Insurance claim money earmarked for rebuilding a tornado-devastated tree nursery in eastern Kentucky may be spent instead to help close a state government budget gap, putting the nursery’s future at risk.
The nursery, one of two operated by the Kentucky Division of Forestry, was flattened by the March 2012 tornado that raked West Liberty in Morgan County. It produces more than 1 million seedlings a year, all native varieties chosen to match the region’s climate and soil. ...
The nursery offers native trees at a reasonable price, said Henry Duncan of Versailles, a past president of the Kentucky Woodland Owners Association, which has about 200 members.
The bare-root seedlings are available in bundles of 10 or 100 and range from $30 to $48 per bundle, according to the agency’s website.
Duncan said some of the work at the nursery seeks to bring back the American chestnut, which was wiped out by a blight in the early 1900s. The nursery also grows most of the trees for planting on reclaimed strip mines, he said.
The only other state nursery, in Western Kentucky, could not meet statewide demand, he said. Commercial nurseries out of state are more expensive and don’t usually offer seed stock that comes from Kentucky trees, which makes them better suited for survival in Kentucky, he added.
I can't think of any reason not to expect entry into this market by a private Kentucky nursery firm. The resulting seedling price might be higher without government subsidies but there may be little reason to subsidize tree growing.
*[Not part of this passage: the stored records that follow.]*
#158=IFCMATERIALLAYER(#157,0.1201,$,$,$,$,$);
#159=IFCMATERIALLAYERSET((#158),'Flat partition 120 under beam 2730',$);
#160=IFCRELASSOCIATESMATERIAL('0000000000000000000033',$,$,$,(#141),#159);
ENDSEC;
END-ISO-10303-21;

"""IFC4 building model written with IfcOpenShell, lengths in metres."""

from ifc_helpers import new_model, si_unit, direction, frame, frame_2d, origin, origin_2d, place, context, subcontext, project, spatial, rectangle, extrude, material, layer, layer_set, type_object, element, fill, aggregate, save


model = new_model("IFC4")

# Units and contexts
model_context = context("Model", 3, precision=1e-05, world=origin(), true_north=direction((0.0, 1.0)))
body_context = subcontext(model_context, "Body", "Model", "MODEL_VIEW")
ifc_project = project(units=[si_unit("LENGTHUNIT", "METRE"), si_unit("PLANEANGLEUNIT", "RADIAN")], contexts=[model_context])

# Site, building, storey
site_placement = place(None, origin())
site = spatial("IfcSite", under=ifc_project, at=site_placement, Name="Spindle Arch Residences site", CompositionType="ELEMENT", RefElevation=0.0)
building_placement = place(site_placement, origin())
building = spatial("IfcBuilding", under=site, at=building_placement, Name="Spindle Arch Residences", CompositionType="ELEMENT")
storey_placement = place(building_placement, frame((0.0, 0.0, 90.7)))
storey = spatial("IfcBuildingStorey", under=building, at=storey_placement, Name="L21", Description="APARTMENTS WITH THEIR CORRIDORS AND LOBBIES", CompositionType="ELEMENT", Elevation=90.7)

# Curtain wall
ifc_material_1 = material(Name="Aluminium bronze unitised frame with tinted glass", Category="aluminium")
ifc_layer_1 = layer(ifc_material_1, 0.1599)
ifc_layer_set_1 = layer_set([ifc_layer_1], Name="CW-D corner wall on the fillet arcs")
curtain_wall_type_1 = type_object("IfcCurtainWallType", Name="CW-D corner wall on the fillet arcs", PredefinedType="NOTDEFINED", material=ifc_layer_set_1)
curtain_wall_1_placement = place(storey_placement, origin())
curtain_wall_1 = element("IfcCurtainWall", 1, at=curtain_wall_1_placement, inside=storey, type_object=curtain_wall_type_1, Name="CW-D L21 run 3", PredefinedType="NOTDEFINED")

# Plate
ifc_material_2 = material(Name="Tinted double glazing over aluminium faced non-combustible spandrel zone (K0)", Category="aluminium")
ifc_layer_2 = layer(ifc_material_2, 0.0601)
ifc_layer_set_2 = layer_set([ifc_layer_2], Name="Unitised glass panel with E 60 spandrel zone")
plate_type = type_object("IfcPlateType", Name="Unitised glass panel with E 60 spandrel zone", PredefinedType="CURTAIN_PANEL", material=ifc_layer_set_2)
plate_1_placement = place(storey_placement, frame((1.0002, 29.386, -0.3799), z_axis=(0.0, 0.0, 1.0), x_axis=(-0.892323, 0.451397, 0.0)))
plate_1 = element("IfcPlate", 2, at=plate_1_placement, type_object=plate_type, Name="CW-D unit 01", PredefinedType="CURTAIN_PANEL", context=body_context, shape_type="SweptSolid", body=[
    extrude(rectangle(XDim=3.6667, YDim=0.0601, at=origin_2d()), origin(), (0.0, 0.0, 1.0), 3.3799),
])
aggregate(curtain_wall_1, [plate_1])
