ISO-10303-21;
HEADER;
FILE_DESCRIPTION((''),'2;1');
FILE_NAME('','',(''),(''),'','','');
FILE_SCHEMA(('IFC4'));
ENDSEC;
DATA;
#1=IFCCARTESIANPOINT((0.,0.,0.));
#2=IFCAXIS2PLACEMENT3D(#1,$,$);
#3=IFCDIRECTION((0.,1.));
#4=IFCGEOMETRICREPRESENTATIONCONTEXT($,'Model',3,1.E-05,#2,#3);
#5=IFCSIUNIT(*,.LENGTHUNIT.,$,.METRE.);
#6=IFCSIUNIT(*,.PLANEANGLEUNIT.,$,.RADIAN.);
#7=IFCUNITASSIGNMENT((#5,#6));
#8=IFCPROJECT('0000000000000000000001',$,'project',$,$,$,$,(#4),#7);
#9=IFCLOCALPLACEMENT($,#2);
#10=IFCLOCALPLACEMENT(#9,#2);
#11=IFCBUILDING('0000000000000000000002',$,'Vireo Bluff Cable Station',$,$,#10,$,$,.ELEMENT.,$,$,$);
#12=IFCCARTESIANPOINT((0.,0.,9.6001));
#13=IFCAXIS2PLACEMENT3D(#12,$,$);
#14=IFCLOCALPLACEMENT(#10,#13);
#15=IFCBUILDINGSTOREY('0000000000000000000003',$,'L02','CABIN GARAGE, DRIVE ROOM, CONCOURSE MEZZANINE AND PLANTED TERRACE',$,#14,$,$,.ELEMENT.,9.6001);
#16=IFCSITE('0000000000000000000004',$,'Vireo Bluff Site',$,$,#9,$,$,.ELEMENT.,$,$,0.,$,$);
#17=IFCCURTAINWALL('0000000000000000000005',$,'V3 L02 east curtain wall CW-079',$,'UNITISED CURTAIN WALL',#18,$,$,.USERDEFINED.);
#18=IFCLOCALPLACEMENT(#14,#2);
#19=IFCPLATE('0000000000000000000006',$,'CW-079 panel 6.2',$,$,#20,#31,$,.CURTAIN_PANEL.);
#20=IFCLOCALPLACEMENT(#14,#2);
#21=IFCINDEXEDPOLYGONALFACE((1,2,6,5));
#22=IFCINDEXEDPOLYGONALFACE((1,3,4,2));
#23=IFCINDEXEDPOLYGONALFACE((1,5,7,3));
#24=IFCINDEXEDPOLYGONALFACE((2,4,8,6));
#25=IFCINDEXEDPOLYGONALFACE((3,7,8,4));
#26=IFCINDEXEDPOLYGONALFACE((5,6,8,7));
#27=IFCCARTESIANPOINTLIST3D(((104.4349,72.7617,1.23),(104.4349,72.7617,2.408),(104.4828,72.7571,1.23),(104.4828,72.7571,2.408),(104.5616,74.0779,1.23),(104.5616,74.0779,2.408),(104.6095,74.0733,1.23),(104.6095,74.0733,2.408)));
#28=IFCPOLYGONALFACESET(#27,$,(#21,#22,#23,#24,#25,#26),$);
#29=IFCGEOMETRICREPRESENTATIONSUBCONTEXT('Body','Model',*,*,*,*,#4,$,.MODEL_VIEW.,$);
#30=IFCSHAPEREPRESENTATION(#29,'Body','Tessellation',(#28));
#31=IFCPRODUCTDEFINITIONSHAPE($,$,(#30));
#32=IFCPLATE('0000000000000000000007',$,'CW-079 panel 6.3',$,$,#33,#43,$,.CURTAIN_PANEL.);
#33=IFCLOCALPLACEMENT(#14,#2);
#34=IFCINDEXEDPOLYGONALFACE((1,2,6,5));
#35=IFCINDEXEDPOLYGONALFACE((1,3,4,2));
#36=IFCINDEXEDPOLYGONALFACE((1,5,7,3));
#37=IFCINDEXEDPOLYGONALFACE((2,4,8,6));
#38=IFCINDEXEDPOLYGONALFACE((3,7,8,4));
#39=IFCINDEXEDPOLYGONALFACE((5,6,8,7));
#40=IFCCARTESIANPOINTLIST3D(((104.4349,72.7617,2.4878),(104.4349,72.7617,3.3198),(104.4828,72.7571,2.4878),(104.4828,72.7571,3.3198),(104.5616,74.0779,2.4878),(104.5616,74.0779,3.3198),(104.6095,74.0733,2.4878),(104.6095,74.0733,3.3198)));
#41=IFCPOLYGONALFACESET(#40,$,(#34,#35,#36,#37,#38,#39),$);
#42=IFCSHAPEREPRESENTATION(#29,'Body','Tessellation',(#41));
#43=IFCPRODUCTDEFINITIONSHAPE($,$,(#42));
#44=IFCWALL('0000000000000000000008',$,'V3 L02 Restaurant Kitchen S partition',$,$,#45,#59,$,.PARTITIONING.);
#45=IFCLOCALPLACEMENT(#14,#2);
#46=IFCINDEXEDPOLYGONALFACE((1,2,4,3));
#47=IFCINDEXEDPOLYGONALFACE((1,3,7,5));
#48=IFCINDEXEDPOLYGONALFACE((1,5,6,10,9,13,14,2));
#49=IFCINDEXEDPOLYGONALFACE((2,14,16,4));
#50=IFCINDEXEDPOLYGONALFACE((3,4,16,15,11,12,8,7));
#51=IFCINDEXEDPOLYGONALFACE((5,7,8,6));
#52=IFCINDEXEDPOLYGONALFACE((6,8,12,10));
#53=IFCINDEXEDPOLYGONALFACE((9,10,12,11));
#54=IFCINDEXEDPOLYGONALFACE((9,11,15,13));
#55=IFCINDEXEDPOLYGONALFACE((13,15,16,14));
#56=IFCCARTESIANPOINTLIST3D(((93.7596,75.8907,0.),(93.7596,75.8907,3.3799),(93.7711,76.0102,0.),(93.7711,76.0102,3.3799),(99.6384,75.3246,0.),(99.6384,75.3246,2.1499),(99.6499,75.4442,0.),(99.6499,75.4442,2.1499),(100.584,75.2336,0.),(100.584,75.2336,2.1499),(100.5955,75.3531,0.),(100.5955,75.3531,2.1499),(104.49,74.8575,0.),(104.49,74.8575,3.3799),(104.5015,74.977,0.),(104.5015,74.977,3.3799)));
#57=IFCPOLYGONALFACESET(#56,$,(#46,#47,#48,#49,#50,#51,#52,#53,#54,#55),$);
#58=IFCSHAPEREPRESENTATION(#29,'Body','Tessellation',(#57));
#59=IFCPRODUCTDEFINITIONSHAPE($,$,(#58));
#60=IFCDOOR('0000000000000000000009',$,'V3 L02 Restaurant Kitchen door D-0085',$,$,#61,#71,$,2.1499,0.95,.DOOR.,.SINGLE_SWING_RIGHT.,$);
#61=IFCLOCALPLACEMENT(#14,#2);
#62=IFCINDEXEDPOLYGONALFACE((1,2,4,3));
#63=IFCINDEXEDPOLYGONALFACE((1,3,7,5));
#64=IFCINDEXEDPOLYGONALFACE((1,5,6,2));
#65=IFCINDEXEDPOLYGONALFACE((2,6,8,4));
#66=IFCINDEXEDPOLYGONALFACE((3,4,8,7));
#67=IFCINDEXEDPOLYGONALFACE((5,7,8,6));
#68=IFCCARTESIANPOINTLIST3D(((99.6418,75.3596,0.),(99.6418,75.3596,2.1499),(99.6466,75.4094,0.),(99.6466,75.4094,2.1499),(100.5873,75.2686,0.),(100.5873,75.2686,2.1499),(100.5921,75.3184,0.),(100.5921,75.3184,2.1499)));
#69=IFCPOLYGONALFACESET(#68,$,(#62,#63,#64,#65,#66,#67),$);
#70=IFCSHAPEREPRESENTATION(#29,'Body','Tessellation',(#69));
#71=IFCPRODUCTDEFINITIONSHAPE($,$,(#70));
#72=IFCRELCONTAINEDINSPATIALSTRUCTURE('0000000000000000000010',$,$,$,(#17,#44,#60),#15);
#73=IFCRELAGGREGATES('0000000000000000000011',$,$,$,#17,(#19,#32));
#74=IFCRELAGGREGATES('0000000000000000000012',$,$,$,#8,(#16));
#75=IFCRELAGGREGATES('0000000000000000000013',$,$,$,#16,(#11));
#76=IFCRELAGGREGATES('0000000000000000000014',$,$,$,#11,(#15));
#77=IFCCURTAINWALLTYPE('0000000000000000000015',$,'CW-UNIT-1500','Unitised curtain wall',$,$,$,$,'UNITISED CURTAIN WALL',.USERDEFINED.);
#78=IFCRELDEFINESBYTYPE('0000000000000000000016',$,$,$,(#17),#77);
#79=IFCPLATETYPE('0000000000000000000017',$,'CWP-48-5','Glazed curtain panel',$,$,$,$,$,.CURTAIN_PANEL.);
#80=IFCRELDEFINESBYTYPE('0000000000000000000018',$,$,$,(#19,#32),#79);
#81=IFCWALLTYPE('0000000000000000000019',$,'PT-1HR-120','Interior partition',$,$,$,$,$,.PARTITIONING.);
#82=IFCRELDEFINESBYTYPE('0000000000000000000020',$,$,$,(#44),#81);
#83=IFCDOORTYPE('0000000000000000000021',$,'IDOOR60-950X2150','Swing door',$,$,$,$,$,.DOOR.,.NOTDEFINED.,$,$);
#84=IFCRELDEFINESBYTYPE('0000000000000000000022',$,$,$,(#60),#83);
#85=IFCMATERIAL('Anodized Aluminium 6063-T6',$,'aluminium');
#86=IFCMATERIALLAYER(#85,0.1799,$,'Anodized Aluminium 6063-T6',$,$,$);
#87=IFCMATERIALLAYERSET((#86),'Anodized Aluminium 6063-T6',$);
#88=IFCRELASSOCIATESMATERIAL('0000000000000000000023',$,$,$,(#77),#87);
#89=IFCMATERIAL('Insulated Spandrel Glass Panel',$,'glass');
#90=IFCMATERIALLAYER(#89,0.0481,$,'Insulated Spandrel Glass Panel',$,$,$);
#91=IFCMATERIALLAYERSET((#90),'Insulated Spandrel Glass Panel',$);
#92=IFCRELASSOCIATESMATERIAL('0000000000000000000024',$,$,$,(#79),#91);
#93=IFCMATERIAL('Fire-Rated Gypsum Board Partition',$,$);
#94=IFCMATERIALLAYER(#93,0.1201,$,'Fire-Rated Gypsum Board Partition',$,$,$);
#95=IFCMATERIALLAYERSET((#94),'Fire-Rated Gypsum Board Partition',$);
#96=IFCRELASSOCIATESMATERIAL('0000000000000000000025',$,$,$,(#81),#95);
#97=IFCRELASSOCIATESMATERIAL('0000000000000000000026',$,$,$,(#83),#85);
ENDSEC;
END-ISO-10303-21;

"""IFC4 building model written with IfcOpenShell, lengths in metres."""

from ifc_helpers import new_model, si_unit, direction, frame, frame_2d, origin, origin_with_axes, origin_2d, place, context, subcontext, project, spatial, rectangle, extrude, material, layer, layer_set, type_object, element, fill, aggregate, save


model = new_model("IFC4")

# Units and contexts
model_context = context("Model", 3, precision=1e-05, world=origin(), true_north=direction((0.0, 1.0)))
body_context = subcontext(model_context, "Body", "Model", "MODEL_VIEW")
ifc_project = project(units=[si_unit("LENGTHUNIT", "METRE"), si_unit("PLANEANGLEUNIT", "RADIAN")], contexts=[model_context])

# Site, building, storey
site_placement = place(None, origin())
site = spatial("IfcSite", under=ifc_project, at=site_placement, Name="Vireo Bluff Site", CompositionType="ELEMENT", RefElevation=0.0)
building_placement = place(site_placement, origin())
building = spatial("IfcBuilding", under=site, at=building_placement, Name="Vireo Bluff Cable Station", CompositionType="ELEMENT")
storey_placement = place(building_placement, frame((0.0, 0.0, 9.6001)))
storey = spatial("IfcBuildingStorey", under=building, at=storey_placement, Name="L02", Description="CABIN GARAGE, DRIVE ROOM, CONCOURSE MEZZANINE AND PLANTED TERRACE", CompositionType="ELEMENT", Elevation=9.6001)

# Shared definitions
ifc_material_1 = material(Name="Anodized Aluminium 6063-T6", Category="aluminium")

# Curtain wall
ifc_layer_1 = layer(ifc_material_1, 0.1799, Name="Anodized Aluminium 6063-T6")
ifc_layer_set_1 = layer_set([ifc_layer_1], Name="Anodized Aluminium 6063-T6")
curtain_wall_type_1 = type_object("IfcCurtainWallType", Name="CW-UNIT-1500", Description="Unitised curtain wall", ElementType="UNITISED CURTAIN WALL", PredefinedType="USERDEFINED", material=ifc_layer_set_1)
curtain_wall_1_placement = place(storey_placement, origin())
curtain_wall_1 = element("IfcCurtainWall", 1, at=curtain_wall_1_placement, inside=storey, type_object=curtain_wall_type_1, Name="V3 L02 east curtain wall CW-079", ObjectType="UNITISED CURTAIN WALL", PredefinedType="USERDEFINED")

# Plates
ifc_material_2 = material(Name="Insulated Spandrel Glass Panel", Category="glass")
ifc_layer_2 = layer(ifc_material_2, 0.0481, Name="Insulated Spandrel Glass Panel")
ifc_layer_set_2 = layer_set([ifc_layer_2], Name="Insulated Spandrel Glass Panel")
plate_type_1 = type_object("IfcPlateType", Name="CWP-48-5", Description="Glazed curtain panel", PredefinedType="CURTAIN_PANEL", material=ifc_layer_set_2)
plate_1_placement = place(storey_placement, frame((104.5222, 73.4175, 1.23), z_axis=(0.0, 0.0, 1.0), x_axis=(-0.095846, -0.995396, 0.0)))
plate_1 = element("IfcPlate", 2, at=plate_1_placement, type_object=plate_type_1, Name="CW-079 panel 6.2", PredefinedType="CURTAIN_PANEL", context=body_context, shape_type="SweptSolid", body=[
    extrude(rectangle(XDim=1.3223, YDim=0.0481, at=origin_2d()), origin(), (0.0, 0.0, 1.0), 1.178),
])
plate_2_placement = place(storey_placement, frame((104.5222, 73.4175, 2.4878), z_axis=(0.0, 0.0, 1.0), x_axis=(-0.095846, -0.995396, 0.0)))
plate_2 = element("IfcPlate", 3, at=plate_2_placement, type_object=plate_type_1, Name="CW-079 panel 6.3", PredefinedType="CURTAIN_PANEL", context=body_context, shape_type="SweptSolid", body=[
    extrude(rectangle(XDim=1.3223, YDim=0.0481, at=origin_2d()), origin(), (0.0, 0.0, 1.0), 0.832),
])
aggregate(curtain_wall_1, [plate_1, plate_2])

# Wall, opening, door
ifc_material_3 = material(Name="Fire-Rated Gypsum Board Partition")
ifc_layer_3 = layer(ifc_material_3, 0.1201, Name="Fire-Rated Gypsum Board Partition")
ifc_layer_set_3 = layer_set([ifc_layer_3], Name="Fire-Rated Gypsum Board Partition")
wall_type = type_object("IfcWallType", Name="PT-1HR-120", Description="Interior partition", PredefinedType="PARTITIONING", material=ifc_layer_set_3)
wall_placement = place(storey_placement, frame((104.4958, 74.9172, 0.0), z_axis=(0.0, 0.0, 1.0), x_axis=(-0.995396, 0.095844, 0.0)))
wall = element("IfcWall", 4, at=wall_placement, inside=storey, type_object=wall_type, Name="V3 L02 Restaurant Kitchen S partition", PredefinedType="PARTITIONING", context=body_context, shape_type="SweptSolid", body=[
    extrude(rectangle(XDim=10.78, YDim=0.1201, at=frame_2d((5.3901, 0.0))), origin(), (0.0, 0.0, 1.0), 3.3799),
])
opening_placement = place(wall_placement, frame((3.9241, 0.0, 0.0)))
opening = element("IfcOpeningElement", 5, at=opening_placement, cuts=wall, PredefinedType="OPENING", context=body_context, shape_type="SweptSolid", body=[
    extrude(rectangle(XDim=0.95, YDim=2.1499, at=frame_2d((0.4751, 1.075))), frame((0.0, 0.0701, 0.0), z_axis=(0.0, -1.0, 0.0), x_axis=(1.0, 0.0, 0.0)), (0.0, 0.0, 1.0), 0.1401),
])
door_type = type_object("IfcDoorType", Name="IDOOR60-950X2150", Description="Swing door", OperationType="NOTDEFINED", PredefinedType="DOOR", material=ifc_material_1)
door_placement = place(opening_placement, origin_with_axes())
door = element("IfcDoor", 6, at=door_placement, inside=storey, type_object=door_type, Name="V3 L02 Restaurant Kitchen door D-0085", OperationType="SINGLE_SWING_RIGHT", OverallHeight=2.1499, OverallWidth=0.95, PredefinedType="DOOR", context=body_context, shape_type="SweptSolid", body=[
    extrude(rectangle(XDim=0.95, YDim=2.1499, at=frame_2d((0.4751, 1.075))), frame((0.0, 0.0249, 0.0), z_axis=(0.0, -1.0, 0.0), x_axis=(1.0, 0.0, 0.0)), (0.0, 0.0, 1.0), 0.05),
])
fill(opening, door)

save(model, "model.ifc")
That is, unless the carbon sequestration benefits exceed the cost of the subsidies. But I'd argue this is a role for the federal government and not the states. And those benefits are likely less than the costs since climate change is a global problem, the difference between the number of subsidized public seedlings and private seedlings is likely to have small climate impacts and the impacts are way down the road.